Can you please run pt-pmp
against proxysql?
Also please share your configuration (from mysql_servers
, global_variables
and mysql_query_rules
)?
@renecannao ok, I will use pt-pmp comamnd next time.
proxysql-1.3.3 rpm running on RHEL 6.8 has the same issues
My Problem occurs mainly when there is a lag between the proxsql and mysql serves. ( Our case Proxysql is in branch office, and mysql is at production site)
# Samples: 3 of event 'cpu-clock'
# Event count (approx.): 750000
#
# Overhead Command Shared Object Symbol
# ........ ........ ................. ...........
#
100.00% proxysql [kernel.kallsyms] [k] do_wait
@ayder , can you please run pt-pmp
against proxysql?
When running ps
you will notice two proxysql processes, one is the parent and the other is the child.
Assuming 12345 is the pid of the child process, you need to run something like:
pt-pmp --iterations 30 -p 12345
I really want to close this issue, but I need to understand where it is using a lot of CPU. Thank you for your help.
The output of pt-pmp command against the child process of pt-pmp is Unhandled dwarf expression opcode 0xf3
240 pthread_cond_wait,remove,ConsumerThread::run,start_thread(libpthread.so.0),clone(libc.so.6)
120 epoll_wait(libc.so.6),MySQL_Thread::run,mysql_worker_thread_func_idles,start_thread(libpthread.so.0),clone(libc.so.6)
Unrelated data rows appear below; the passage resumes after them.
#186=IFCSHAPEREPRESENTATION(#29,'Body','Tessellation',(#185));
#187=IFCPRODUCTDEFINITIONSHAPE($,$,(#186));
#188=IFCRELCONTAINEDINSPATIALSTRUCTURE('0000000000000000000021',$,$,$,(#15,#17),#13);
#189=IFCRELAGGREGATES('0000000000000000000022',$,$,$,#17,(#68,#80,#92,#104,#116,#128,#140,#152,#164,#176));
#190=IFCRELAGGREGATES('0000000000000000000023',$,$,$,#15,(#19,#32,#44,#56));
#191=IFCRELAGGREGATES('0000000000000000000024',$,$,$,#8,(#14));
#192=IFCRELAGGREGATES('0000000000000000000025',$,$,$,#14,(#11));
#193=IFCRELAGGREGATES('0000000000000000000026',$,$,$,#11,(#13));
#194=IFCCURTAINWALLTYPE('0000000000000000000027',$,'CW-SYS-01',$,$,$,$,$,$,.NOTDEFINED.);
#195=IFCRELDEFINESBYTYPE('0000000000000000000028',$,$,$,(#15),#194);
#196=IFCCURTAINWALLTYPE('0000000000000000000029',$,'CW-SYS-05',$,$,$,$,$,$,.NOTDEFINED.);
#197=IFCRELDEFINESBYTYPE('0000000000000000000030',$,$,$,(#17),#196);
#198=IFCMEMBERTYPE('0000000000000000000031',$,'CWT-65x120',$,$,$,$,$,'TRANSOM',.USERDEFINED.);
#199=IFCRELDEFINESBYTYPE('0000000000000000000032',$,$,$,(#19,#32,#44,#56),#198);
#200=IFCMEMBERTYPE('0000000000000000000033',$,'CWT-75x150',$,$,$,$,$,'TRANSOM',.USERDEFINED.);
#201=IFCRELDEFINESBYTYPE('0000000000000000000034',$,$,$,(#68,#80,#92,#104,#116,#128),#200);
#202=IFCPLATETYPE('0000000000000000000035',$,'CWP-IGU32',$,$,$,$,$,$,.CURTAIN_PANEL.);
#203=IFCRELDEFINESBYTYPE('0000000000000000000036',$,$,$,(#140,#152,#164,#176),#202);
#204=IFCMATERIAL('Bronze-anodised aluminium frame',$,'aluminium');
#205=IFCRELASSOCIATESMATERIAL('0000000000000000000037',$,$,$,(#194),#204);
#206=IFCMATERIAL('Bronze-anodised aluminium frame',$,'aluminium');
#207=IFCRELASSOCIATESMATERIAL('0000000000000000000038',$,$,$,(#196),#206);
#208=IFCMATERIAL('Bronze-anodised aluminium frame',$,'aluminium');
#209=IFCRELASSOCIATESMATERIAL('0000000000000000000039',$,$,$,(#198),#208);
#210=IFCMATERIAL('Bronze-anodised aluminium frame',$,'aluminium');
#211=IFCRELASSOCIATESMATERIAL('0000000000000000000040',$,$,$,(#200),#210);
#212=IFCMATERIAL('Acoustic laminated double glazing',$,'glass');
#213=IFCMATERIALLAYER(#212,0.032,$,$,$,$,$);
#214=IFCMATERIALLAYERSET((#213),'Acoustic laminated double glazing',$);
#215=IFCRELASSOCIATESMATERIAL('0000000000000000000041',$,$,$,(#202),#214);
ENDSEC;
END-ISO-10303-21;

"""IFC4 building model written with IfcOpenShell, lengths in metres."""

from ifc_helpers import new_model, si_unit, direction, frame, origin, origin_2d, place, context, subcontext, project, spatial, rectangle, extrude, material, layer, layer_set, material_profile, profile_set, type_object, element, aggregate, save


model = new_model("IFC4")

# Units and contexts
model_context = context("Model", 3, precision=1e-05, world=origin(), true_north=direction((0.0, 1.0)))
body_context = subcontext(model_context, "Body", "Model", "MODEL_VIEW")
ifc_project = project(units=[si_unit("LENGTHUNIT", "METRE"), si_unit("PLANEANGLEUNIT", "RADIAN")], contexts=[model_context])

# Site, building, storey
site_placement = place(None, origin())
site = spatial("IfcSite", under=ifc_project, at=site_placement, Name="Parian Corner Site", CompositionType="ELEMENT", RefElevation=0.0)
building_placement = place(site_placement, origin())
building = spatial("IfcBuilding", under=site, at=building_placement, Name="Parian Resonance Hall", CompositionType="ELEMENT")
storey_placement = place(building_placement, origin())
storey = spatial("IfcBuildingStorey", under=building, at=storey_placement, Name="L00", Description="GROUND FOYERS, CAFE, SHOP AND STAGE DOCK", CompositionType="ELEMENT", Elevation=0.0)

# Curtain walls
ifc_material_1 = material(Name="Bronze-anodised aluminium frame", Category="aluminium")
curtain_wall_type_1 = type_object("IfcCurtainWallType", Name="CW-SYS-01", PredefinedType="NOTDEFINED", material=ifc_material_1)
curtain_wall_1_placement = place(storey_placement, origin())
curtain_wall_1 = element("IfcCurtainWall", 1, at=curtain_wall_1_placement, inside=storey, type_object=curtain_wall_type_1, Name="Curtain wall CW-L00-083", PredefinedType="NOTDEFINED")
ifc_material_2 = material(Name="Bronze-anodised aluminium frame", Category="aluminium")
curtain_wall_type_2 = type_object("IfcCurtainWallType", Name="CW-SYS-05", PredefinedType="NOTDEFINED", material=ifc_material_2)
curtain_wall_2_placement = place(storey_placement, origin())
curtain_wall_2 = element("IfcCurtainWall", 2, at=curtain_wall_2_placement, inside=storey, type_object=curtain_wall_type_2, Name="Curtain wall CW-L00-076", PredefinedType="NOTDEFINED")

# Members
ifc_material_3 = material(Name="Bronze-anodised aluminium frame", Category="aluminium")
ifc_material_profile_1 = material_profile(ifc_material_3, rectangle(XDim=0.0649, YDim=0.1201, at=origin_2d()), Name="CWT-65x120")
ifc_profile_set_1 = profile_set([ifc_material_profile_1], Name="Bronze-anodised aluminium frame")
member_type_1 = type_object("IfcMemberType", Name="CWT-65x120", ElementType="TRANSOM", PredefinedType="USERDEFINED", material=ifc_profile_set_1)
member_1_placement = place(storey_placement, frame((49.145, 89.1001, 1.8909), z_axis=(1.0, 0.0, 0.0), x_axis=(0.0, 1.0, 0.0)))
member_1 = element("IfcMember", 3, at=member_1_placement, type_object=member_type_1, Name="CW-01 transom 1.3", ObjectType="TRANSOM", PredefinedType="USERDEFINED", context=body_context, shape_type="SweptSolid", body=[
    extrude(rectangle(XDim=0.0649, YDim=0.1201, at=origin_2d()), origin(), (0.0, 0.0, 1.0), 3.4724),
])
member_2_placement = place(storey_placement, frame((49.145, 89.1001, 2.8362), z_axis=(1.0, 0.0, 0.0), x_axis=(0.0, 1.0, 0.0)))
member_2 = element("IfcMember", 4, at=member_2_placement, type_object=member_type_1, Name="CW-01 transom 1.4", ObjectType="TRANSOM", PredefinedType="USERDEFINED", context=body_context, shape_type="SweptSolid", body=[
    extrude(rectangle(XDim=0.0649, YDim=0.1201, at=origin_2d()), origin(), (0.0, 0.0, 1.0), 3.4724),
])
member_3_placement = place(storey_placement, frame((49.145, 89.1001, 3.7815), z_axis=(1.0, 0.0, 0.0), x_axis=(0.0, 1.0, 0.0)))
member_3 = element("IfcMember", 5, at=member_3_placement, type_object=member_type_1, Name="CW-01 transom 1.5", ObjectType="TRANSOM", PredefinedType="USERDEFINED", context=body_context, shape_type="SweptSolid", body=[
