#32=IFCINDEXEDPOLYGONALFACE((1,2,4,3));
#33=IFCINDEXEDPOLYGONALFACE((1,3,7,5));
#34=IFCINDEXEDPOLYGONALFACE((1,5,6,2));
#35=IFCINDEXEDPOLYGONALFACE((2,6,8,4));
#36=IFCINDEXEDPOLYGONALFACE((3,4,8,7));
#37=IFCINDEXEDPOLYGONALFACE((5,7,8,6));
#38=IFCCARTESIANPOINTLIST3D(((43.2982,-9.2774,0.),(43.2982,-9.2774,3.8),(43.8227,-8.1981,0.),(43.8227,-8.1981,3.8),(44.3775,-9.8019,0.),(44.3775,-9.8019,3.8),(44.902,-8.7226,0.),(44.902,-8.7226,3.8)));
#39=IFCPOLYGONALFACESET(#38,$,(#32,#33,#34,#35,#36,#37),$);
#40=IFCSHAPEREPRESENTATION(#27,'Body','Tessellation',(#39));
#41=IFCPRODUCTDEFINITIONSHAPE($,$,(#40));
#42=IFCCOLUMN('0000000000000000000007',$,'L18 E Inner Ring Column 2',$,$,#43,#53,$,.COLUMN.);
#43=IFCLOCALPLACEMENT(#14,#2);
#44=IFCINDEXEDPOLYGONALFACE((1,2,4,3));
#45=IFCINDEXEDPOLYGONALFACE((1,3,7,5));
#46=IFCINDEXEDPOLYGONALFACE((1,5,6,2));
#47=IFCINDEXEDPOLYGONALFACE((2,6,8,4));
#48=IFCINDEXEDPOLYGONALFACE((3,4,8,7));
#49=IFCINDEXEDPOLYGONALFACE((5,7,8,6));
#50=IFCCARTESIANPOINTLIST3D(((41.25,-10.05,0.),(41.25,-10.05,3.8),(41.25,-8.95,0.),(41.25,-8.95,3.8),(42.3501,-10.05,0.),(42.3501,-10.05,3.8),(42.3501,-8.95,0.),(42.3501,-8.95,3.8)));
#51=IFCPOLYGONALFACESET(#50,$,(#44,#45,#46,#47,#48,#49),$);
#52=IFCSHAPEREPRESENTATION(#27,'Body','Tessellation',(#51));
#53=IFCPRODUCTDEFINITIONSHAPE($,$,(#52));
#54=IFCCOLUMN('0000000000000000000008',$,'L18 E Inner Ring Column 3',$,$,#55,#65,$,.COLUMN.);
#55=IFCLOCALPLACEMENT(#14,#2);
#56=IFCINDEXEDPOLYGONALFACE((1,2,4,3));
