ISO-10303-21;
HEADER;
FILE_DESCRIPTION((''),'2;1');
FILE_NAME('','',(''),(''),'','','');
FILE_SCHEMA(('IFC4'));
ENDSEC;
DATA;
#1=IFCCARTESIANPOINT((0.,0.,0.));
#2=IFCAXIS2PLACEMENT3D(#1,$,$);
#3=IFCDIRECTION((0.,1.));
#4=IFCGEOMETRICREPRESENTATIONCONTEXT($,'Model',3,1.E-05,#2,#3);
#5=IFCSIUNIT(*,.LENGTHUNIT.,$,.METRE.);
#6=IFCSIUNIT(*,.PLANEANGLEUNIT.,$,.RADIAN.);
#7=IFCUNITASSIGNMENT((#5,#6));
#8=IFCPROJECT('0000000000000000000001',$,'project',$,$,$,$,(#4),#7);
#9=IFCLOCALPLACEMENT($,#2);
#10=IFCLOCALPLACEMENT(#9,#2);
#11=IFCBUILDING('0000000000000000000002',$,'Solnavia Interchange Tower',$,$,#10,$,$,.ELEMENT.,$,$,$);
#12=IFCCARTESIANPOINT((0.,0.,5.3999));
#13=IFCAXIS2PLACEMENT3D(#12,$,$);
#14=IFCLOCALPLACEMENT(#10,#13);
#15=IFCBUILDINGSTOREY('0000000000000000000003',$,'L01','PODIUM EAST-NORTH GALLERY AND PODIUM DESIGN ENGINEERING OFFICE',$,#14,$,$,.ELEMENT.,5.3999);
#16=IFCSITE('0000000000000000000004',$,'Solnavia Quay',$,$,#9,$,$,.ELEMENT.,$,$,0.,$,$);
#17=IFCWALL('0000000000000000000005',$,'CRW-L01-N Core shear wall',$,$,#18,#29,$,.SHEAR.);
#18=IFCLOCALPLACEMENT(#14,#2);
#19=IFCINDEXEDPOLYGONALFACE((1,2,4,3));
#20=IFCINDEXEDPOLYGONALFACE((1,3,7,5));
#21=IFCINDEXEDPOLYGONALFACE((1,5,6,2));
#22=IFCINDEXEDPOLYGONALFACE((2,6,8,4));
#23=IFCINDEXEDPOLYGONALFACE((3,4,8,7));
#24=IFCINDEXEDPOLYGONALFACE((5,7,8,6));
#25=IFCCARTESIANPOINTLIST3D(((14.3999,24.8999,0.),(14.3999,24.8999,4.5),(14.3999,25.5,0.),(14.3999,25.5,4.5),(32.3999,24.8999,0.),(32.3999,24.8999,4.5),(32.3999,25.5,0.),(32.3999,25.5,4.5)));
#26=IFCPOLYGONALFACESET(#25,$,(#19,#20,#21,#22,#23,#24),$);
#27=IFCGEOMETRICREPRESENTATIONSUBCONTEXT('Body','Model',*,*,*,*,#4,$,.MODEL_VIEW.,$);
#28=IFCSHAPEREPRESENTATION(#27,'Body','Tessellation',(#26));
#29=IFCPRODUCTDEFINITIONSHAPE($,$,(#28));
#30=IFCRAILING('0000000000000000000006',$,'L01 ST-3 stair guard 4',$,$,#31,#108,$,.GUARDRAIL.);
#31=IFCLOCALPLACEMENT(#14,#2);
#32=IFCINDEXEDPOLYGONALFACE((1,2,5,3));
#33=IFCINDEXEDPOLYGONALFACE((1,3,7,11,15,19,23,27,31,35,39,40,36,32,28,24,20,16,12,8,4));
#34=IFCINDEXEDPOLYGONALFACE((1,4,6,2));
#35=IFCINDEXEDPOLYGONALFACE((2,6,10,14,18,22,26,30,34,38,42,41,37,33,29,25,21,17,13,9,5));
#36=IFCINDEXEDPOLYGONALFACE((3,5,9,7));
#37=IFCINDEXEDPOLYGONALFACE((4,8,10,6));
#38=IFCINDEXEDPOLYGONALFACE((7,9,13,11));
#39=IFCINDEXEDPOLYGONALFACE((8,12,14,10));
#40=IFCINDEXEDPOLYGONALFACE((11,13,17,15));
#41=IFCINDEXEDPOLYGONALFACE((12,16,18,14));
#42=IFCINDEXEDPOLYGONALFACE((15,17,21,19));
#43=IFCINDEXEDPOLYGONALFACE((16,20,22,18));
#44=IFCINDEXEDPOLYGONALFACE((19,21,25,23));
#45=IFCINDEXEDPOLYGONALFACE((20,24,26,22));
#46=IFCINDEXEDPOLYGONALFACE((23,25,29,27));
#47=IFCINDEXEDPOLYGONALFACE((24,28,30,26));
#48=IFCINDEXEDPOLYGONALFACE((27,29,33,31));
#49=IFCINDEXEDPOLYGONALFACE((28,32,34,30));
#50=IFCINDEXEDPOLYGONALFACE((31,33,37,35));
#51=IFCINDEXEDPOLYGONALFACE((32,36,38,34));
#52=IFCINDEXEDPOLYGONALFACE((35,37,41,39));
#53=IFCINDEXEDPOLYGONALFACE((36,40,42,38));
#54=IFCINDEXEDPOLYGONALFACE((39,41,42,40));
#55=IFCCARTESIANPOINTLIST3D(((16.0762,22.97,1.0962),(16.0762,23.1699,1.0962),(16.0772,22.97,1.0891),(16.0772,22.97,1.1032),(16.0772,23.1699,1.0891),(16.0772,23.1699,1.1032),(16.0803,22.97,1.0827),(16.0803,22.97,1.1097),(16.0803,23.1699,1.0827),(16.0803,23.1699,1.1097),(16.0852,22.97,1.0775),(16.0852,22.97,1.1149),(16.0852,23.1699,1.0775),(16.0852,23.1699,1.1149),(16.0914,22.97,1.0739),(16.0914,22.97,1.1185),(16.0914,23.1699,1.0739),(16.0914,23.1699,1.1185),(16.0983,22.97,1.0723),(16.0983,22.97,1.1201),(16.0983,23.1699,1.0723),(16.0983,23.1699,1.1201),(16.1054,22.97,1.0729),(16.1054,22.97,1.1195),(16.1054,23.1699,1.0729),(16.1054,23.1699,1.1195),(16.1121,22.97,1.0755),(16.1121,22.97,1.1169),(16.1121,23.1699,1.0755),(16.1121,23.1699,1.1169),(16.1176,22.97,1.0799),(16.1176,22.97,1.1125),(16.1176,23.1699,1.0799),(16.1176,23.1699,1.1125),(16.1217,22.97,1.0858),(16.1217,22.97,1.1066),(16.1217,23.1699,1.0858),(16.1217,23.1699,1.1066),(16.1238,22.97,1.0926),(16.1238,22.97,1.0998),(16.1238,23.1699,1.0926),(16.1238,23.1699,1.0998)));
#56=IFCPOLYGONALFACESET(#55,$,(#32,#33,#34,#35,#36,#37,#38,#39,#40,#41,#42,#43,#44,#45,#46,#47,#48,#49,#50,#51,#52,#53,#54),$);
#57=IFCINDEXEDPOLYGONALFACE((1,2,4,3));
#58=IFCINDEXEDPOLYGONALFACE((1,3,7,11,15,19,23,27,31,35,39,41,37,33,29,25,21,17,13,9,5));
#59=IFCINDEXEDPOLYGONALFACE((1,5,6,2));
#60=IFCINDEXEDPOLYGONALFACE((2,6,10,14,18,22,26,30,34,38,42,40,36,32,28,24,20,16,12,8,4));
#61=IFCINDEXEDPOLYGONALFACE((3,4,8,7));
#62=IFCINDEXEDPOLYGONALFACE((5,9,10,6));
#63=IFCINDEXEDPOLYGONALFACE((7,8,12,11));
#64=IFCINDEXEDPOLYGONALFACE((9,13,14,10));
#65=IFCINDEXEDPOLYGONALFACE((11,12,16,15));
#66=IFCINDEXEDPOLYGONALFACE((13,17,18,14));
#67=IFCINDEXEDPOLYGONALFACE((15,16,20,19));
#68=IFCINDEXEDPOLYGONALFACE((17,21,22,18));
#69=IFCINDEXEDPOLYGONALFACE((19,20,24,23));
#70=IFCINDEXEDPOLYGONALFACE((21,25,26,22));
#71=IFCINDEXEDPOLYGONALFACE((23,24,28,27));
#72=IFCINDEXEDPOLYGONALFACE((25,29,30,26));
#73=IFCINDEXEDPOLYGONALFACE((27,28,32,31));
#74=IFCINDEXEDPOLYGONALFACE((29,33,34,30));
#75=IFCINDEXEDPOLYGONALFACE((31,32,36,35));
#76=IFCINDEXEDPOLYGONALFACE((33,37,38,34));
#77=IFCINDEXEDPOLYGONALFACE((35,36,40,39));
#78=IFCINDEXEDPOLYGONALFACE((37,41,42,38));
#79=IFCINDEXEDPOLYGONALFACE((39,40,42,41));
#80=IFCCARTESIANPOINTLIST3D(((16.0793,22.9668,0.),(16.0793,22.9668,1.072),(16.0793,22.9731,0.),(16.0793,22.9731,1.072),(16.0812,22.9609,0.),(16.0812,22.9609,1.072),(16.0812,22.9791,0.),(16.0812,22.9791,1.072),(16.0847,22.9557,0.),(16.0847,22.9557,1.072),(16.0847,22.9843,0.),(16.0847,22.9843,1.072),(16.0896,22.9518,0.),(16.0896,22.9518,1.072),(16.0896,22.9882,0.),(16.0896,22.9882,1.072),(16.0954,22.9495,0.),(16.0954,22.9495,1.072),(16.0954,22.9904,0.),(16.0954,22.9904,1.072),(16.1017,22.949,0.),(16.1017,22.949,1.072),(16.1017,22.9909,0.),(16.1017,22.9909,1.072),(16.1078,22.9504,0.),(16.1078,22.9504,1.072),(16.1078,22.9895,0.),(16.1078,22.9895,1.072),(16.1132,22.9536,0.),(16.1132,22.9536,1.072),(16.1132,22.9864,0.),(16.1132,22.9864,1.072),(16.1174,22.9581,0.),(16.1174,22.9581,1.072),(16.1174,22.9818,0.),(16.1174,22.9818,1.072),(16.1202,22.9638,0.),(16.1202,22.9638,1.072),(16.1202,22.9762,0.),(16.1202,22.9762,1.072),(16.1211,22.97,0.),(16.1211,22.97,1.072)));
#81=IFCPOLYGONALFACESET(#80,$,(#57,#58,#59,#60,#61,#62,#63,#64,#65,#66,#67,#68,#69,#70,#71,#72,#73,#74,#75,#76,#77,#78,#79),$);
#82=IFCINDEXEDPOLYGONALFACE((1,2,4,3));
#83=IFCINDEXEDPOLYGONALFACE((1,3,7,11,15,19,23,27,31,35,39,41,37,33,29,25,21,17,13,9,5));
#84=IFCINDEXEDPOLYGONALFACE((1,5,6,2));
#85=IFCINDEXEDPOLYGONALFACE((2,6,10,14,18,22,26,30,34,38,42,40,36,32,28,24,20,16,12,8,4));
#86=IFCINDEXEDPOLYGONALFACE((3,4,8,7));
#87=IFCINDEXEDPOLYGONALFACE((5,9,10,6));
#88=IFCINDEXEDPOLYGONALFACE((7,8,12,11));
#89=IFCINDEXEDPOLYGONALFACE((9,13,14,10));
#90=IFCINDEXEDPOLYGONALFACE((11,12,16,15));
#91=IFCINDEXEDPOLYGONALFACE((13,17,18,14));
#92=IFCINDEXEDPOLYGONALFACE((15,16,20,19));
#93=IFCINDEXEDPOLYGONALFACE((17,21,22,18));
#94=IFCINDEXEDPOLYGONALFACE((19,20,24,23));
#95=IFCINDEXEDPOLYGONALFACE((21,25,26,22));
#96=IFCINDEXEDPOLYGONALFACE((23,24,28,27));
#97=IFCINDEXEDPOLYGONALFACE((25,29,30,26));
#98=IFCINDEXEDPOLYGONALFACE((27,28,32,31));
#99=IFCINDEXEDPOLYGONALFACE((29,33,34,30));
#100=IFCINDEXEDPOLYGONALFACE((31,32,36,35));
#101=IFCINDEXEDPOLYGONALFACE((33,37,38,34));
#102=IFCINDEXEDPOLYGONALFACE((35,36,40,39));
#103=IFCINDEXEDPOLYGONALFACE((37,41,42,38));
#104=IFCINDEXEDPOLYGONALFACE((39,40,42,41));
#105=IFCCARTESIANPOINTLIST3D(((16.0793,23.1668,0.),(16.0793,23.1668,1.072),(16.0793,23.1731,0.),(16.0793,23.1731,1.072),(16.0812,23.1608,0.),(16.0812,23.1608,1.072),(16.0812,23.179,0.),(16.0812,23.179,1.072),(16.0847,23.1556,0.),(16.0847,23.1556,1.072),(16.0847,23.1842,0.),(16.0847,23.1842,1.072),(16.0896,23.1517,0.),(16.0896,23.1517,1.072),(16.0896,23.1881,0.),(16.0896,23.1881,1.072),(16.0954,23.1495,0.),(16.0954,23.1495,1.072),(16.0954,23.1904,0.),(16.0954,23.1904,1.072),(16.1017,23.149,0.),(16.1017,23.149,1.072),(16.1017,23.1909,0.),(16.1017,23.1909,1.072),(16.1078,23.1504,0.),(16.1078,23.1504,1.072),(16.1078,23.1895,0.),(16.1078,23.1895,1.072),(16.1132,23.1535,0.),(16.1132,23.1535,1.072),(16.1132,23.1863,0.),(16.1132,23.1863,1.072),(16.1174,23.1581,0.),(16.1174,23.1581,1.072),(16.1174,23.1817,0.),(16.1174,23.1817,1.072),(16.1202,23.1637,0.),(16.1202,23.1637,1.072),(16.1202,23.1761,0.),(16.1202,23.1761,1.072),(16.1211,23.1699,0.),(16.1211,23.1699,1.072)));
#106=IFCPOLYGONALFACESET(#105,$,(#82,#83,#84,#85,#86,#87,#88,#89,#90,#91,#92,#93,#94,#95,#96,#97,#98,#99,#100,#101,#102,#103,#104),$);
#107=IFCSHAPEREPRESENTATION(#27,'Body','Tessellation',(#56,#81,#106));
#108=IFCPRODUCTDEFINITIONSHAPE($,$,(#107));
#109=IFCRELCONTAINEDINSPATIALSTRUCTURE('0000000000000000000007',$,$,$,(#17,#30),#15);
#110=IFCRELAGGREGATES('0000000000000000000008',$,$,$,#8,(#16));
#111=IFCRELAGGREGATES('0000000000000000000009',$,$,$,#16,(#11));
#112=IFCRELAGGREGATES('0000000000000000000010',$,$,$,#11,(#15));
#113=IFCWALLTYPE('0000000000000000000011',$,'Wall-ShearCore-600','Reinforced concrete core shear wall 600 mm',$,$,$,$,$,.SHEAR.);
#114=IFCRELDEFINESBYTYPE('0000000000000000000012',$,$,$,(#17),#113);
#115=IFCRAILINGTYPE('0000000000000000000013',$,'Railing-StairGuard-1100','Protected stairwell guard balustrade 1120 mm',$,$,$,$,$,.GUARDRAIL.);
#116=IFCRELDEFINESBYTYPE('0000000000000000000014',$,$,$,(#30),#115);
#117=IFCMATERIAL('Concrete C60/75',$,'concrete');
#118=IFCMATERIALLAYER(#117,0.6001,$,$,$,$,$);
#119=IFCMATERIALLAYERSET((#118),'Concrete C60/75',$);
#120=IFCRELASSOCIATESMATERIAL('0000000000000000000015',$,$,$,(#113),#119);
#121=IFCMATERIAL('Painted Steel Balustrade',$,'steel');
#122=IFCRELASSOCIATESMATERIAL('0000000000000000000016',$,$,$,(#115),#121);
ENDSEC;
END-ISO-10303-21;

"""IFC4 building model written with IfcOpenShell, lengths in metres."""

from ifc_helpers import new_model, si_unit, direction, frame, frame_2d, origin, origin_2d, place, context, subcontext, project, spatial, rectangle, circle, extrude, material, layer, layer_set, type_object, element, save


model = new_model("IFC4")

# Units and contexts
model_context = context("Model", 3, precision=1e-05, world=origin(), true_north=direction((0.0, 1.0)))
body_context = subcontext(model_context, "Body", "Model", "MODEL_VIEW")
ifc_project = project(units=[si_unit("LENGTHUNIT", "METRE"), si_unit("PLANEANGLEUNIT", "RADIAN")], contexts=[model_context])

# Site, building, storey
site_placement = place(None, origin())
site = spatial("IfcSite", under=ifc_project, at=site_placement, Name="Solnavia Quay", CompositionType="ELEMENT", RefElevation=0.0)
building_placement = place(site_placement, origin())
building = spatial("IfcBuilding", under=site, at=building_placement, Name="Solnavia Interchange Tower", CompositionType="ELEMENT")
storey_placement = place(building_placement, frame((0.0, 0.0, 5.3999)))
storey = spatial("IfcBuildingStorey", under=building, at=storey_placement, Name="L01", Description="PODIUM EAST-NORTH GALLERY AND PODIUM DESIGN ENGINEERING OFFICE", CompositionType="ELEMENT", Elevation=5.3999)

# Shared definitions
ifc_material_1 = material(Name="Concrete C60/75", Category="concrete")

# Wall
ifc_layer_1 = layer(ifc_material_1, 0.6001)
ifc_layer_set_1 = layer_set([ifc_layer_1], Name="Concrete C60/75")
wall_type_1 = type_object("IfcWallType", Name="Wall-ShearCore-600", Description="Reinforced concrete core shear wall 600 mm", PredefinedType="SHEAR", material=ifc_layer_set_1)
wall_1_placement = place(storey_placement, frame((14.3999, 25.2, 0.0), z_axis=(0.0, 0.0, 1.0), x_axis=(1.0, 0.0, 0.0)))
element("IfcWall", 1, at=wall_1_placement, inside=storey, type_object=wall_type_1, Name="CRW-L01-N Core shear wall", PredefinedType="SHEAR", context=body_context, shape_type="SweptSolid", body=[
    extrude(rectangle(XDim=18.0, YDim=0.6001, at=frame_2d((9.0, 0.0))), origin(), (0.0, 0.0, 1.0), 4.5),
])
118 poll(libc.so.6),MySQL_Thread::run,mysql_worker_thread_func,start_thread(libpthread.so.0),clone(libc.so.6)
30 poll(libc.so.6),admin_main_loop,start_thread(libpthread.so.0),clone(libc.so.6)
30 nanosleep(libc.so.6),usleep(libc.so.6),Query_Cache::purgeHash_thread,mysql_shared_query_cache_funct,start_thread(libpthread.so.0),clone(libc.so.6)
30 nanosleep(libc.so.6),usleep(libc.so.6),MySQL_Monitor::run,libstdc++::??(libstdc++.so.6),start_thread(libpthread.so.0),clone(libc.so.6)
30 nanosleep(libc.so.6),usleep(libc.so.6),MySQL_Monitor::monitor_replication_lag,monitor_replication_lag_pthread,start_thread(libpthread.so.0),clone(libc.so.6)
30 nanosleep(libc.so.6),usleep(libc.so.6),MySQL_Monitor::monitor_read_only,monitor_read_only_pthread,start_thread(libpthread.so.0),clone(libc.so.6)
30 nanosleep(libc.so.6),usleep(libc.so.6),MySQL_Monitor::monitor_ping,monitor_ping_pthread,start_thread(libpthread.so.0),clone(libc.so.6)
30 nanosleep(libc.so.6),usleep(libc.so.6),MySQL_Monitor::monitor_connect,monitor_connect_pthread,start_thread(libpthread.so.0),clone(libc.so.6)
30 nanosleep(libc.so.6),usleep(libc.so.6),main
2 ::??,::??,::??
@ayder , thank you very much!
From the output it seems that all the threads are waiting.
The threads in MySQL_Monitor
are sleeping;
The Admin thread is waiting on poll()
;
The 4 main MySQL_Thread
are waiting on poll()
;
The 4 auxiliary MySQL_Thread
are waiting on epoll()
;
The 8 ConsumerThread()
are waiting in the queue.
I am not sure what it is causing the CPU spike: from the above everything seems quiet, very idle.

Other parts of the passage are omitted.